Nobody wants to fight their way through voice prompt menus, no matter how "optimal". Telephone helplines should be reserved for situations where a (human) representative of the company needs to talk to the (also human) customer. They're a lousy alternative to the GUI for interacting with machines.
Nick Lamb said,
April 23, 2010 @ 12:40 pm
Mark P, actually your instinct is correct, get the maths right and you can get the same answers with a Heliocentric or a Geocentric model. Or you can put a small rock near Jupiter in the middle, it doesn't matter. Check out the 1905 paper "Zur Elektrodynamik bewegter Körper" by a certain Albert Einstein and his later 1915 work which makes it all work properly with gravity. It turns out there is no privileged frame of reference, so you can just pick whichever is convenient.
peter said,
April 23, 2010 @ 1:08 pm
When SPSS and similar statistical analysis software programs began appearing in the mid-1960s, many statisticians thought that the widespread use of these programs would result in unemployment for statisticians. In fact, lowering the expertise-threshold necessary for analysis of statistical data increased the demand for people with high levels of statistical expertise — to advise (and to rectify the work of) those without adequate expertise.
Jens Fiederer said,
April 23, 2010 @ 2:27 pm
"Commercial spoken dialog systems can process millions of calls per week" reminds me of that skit they used to have so many versions of on Saturday Night Live.

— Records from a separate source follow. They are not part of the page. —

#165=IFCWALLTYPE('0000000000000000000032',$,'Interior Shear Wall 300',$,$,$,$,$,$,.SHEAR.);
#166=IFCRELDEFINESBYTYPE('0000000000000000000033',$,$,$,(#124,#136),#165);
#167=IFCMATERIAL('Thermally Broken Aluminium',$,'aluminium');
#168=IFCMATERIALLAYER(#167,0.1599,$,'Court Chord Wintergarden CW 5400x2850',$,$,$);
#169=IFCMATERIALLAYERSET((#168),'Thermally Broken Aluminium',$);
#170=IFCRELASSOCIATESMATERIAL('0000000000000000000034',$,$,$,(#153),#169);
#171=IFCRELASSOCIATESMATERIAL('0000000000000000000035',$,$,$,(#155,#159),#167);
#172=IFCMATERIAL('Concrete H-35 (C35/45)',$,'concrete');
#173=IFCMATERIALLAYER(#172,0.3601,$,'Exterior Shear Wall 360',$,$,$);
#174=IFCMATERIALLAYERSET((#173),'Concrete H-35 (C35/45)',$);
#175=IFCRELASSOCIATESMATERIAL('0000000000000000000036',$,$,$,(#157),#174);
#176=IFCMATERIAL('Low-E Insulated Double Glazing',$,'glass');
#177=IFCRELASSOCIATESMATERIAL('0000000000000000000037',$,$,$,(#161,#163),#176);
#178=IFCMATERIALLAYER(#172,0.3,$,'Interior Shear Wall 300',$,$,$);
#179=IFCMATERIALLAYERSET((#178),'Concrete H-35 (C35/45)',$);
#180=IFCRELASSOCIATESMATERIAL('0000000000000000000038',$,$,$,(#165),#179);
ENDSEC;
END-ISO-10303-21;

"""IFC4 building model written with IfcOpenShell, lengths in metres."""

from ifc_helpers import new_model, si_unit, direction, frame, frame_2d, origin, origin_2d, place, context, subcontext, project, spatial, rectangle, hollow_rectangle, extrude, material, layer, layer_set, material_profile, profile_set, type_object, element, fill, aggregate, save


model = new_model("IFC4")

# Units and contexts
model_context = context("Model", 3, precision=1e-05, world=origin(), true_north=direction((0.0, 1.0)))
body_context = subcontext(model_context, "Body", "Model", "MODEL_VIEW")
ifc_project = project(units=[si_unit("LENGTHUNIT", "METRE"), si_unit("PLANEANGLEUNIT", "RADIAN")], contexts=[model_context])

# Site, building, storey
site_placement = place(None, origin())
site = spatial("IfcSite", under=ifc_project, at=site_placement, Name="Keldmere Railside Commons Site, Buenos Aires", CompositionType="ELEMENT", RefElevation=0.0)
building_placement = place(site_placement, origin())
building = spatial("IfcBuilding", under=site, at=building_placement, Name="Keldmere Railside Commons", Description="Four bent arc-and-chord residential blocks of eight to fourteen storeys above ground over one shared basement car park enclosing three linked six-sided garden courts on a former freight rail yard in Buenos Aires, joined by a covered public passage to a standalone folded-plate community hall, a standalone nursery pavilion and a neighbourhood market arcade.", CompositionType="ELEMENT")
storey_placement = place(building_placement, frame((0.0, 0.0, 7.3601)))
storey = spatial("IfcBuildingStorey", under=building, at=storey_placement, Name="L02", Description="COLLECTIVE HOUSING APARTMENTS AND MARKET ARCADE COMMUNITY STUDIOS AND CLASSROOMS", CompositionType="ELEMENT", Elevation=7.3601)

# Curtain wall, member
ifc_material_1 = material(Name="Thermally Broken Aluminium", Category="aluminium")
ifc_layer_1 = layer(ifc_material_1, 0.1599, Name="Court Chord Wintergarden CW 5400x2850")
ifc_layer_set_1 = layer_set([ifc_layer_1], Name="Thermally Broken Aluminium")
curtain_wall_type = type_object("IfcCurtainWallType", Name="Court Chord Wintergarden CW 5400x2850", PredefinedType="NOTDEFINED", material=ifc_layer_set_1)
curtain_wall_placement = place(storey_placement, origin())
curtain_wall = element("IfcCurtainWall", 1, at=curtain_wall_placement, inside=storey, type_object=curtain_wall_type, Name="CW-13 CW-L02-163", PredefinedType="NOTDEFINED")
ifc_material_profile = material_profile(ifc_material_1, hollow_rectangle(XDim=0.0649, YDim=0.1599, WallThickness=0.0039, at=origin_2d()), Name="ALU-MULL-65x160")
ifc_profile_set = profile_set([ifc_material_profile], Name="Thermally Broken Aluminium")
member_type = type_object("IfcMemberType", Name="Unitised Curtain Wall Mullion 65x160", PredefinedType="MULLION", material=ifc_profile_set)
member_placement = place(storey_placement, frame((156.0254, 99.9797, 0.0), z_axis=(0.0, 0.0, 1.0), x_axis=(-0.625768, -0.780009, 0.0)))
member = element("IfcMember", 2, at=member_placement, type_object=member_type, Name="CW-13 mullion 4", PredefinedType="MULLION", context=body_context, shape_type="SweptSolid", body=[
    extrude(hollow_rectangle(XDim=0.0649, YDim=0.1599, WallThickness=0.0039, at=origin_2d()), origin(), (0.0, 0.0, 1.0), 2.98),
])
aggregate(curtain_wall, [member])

It was about Toonces, the cat who could drive a car. Pretty much every episode ended with stock footage of a car falling off a cliff.

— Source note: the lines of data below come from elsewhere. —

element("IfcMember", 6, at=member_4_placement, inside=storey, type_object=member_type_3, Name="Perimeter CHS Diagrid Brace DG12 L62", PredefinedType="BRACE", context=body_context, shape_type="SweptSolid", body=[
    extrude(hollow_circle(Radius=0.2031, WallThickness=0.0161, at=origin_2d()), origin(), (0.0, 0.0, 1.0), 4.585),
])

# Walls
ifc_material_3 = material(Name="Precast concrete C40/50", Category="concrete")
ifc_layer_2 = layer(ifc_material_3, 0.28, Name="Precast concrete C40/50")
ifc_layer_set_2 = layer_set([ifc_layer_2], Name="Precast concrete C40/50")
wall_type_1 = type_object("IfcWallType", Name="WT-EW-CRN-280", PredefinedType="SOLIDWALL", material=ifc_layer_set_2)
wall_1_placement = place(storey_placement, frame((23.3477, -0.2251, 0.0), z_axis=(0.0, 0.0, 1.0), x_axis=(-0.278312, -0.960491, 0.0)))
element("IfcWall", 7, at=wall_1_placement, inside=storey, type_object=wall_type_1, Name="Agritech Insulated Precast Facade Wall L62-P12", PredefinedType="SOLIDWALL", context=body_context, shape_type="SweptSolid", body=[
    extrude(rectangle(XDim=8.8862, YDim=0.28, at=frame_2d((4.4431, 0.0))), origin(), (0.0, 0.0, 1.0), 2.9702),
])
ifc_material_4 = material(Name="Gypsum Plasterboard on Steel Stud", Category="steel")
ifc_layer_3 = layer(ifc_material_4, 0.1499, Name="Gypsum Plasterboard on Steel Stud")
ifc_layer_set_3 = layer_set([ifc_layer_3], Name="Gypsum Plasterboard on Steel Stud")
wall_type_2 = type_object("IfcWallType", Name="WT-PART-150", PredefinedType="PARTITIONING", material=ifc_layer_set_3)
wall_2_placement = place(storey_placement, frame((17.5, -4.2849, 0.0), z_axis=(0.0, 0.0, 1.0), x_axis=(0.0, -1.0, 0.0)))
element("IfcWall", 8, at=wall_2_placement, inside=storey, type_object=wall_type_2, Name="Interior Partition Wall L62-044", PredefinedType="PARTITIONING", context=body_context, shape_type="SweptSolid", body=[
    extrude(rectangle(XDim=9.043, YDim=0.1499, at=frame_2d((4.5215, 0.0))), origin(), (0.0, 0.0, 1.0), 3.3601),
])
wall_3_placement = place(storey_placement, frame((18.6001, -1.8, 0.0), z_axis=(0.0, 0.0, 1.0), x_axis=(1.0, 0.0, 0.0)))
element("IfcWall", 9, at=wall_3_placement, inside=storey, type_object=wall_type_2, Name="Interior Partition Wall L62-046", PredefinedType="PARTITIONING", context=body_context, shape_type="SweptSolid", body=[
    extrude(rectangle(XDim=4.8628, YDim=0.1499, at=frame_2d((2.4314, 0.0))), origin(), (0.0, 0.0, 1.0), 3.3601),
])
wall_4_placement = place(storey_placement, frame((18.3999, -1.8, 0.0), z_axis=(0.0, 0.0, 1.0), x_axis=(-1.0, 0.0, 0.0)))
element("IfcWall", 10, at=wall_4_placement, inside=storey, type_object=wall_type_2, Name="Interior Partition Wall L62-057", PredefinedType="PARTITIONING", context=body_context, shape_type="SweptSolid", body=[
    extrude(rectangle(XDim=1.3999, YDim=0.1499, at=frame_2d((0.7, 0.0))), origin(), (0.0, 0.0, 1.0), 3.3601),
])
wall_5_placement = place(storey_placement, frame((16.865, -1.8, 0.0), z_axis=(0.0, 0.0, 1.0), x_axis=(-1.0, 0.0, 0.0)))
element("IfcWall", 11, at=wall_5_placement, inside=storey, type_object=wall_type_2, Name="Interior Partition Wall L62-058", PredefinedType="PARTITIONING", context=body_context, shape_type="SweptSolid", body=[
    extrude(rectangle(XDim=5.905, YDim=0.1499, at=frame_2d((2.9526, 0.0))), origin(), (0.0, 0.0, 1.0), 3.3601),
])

Yes, Toonces could drive a car. "But not very WELL."
Peter Taylor said,
April 23, 2010 @ 6:44 pm
Does that Fourth Paradigm link work for anyone? It's the second time this week I've followed a link to that page from LL, and both times the server has been unresponsive.
John Roth said,
April 23, 2010 @ 7:04 pm
What I got out of this is something a bit different. It's an approach that's used in a number of large web sites, and recommended by quite a few leading designers: get feedback on what works from how the customers who are trying to use your site actually behave, dammit!

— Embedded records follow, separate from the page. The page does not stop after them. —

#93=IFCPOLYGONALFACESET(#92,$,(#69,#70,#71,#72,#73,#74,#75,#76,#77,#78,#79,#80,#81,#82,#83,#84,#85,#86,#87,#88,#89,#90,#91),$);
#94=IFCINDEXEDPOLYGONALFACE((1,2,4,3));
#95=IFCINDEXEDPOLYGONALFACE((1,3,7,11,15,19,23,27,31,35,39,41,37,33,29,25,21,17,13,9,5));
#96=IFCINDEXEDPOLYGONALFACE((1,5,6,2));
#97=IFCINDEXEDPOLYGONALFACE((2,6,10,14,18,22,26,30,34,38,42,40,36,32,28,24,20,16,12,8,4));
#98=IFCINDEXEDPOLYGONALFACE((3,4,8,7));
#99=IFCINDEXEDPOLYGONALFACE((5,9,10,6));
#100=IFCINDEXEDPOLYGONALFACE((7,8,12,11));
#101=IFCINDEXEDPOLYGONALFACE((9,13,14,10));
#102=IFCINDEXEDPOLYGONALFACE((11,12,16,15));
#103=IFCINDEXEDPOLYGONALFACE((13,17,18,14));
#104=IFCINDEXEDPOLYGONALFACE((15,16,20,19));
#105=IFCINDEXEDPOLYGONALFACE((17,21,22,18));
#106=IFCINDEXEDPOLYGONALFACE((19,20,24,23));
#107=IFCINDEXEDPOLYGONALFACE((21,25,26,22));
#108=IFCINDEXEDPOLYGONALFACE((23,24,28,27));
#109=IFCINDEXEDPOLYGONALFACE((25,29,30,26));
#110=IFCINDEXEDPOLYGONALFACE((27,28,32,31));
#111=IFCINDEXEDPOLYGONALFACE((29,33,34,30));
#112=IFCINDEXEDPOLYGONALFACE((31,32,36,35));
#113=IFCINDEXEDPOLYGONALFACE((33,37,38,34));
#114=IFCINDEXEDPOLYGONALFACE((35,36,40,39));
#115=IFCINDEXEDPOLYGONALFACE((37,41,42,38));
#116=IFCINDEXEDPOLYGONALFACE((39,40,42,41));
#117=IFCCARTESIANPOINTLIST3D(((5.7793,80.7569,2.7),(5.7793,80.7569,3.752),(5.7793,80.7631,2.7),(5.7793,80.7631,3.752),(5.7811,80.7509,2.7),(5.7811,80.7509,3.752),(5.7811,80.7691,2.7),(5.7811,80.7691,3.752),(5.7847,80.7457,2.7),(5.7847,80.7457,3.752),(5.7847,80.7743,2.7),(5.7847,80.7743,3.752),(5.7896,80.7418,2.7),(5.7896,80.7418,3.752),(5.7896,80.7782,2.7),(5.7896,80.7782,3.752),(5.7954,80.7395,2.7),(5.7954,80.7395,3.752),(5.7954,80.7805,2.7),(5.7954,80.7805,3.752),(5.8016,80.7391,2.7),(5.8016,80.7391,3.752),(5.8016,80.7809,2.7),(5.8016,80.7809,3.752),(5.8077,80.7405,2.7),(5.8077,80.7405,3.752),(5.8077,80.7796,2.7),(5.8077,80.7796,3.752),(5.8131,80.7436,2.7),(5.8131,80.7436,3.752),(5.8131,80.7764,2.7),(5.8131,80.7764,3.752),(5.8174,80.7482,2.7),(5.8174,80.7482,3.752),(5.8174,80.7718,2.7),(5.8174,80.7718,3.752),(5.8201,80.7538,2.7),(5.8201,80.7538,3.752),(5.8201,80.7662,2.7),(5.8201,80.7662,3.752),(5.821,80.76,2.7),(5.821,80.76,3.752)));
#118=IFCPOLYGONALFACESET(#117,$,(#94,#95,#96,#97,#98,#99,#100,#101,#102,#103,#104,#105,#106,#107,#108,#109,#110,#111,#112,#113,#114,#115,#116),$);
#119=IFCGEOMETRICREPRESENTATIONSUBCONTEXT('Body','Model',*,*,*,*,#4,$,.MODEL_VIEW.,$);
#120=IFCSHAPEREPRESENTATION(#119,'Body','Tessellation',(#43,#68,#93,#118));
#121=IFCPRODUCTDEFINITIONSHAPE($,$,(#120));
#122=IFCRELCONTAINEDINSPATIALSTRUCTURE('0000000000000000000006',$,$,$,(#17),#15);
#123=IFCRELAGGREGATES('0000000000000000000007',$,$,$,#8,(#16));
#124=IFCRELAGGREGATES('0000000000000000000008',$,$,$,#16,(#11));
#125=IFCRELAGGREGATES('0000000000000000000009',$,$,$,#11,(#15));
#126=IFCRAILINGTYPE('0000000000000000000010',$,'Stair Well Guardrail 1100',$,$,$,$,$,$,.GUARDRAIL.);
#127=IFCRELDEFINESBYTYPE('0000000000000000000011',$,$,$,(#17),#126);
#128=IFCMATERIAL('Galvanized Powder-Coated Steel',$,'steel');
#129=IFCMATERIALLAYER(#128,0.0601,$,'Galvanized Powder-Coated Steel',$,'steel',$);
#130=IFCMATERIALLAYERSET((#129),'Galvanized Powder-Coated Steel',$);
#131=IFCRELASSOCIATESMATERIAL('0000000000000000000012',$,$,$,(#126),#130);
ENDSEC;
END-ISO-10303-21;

On a large enough site, you don't have to try one approach at a time. You can try several, or several dozen, and keep track of how people react to each alternative.
Beyond that, I'm not sure what he's recommending. Unless he's recommending automatically generating the alternatives, it's hardly new.
MD said,
April 23, 2010 @ 7:17 pm
I do research in spoken dialogue systems, and I don't see my work dying any time soon ;-) The main rule of statistics/machine learning is "Garbage In, Garbage Out". There is no "just" in annotating for semantic representations. An annotation project that can provide reliable data for machine learning will cost a lot of money to run, and requires supervision of people who actually understand how systems work (= Interaction Designers).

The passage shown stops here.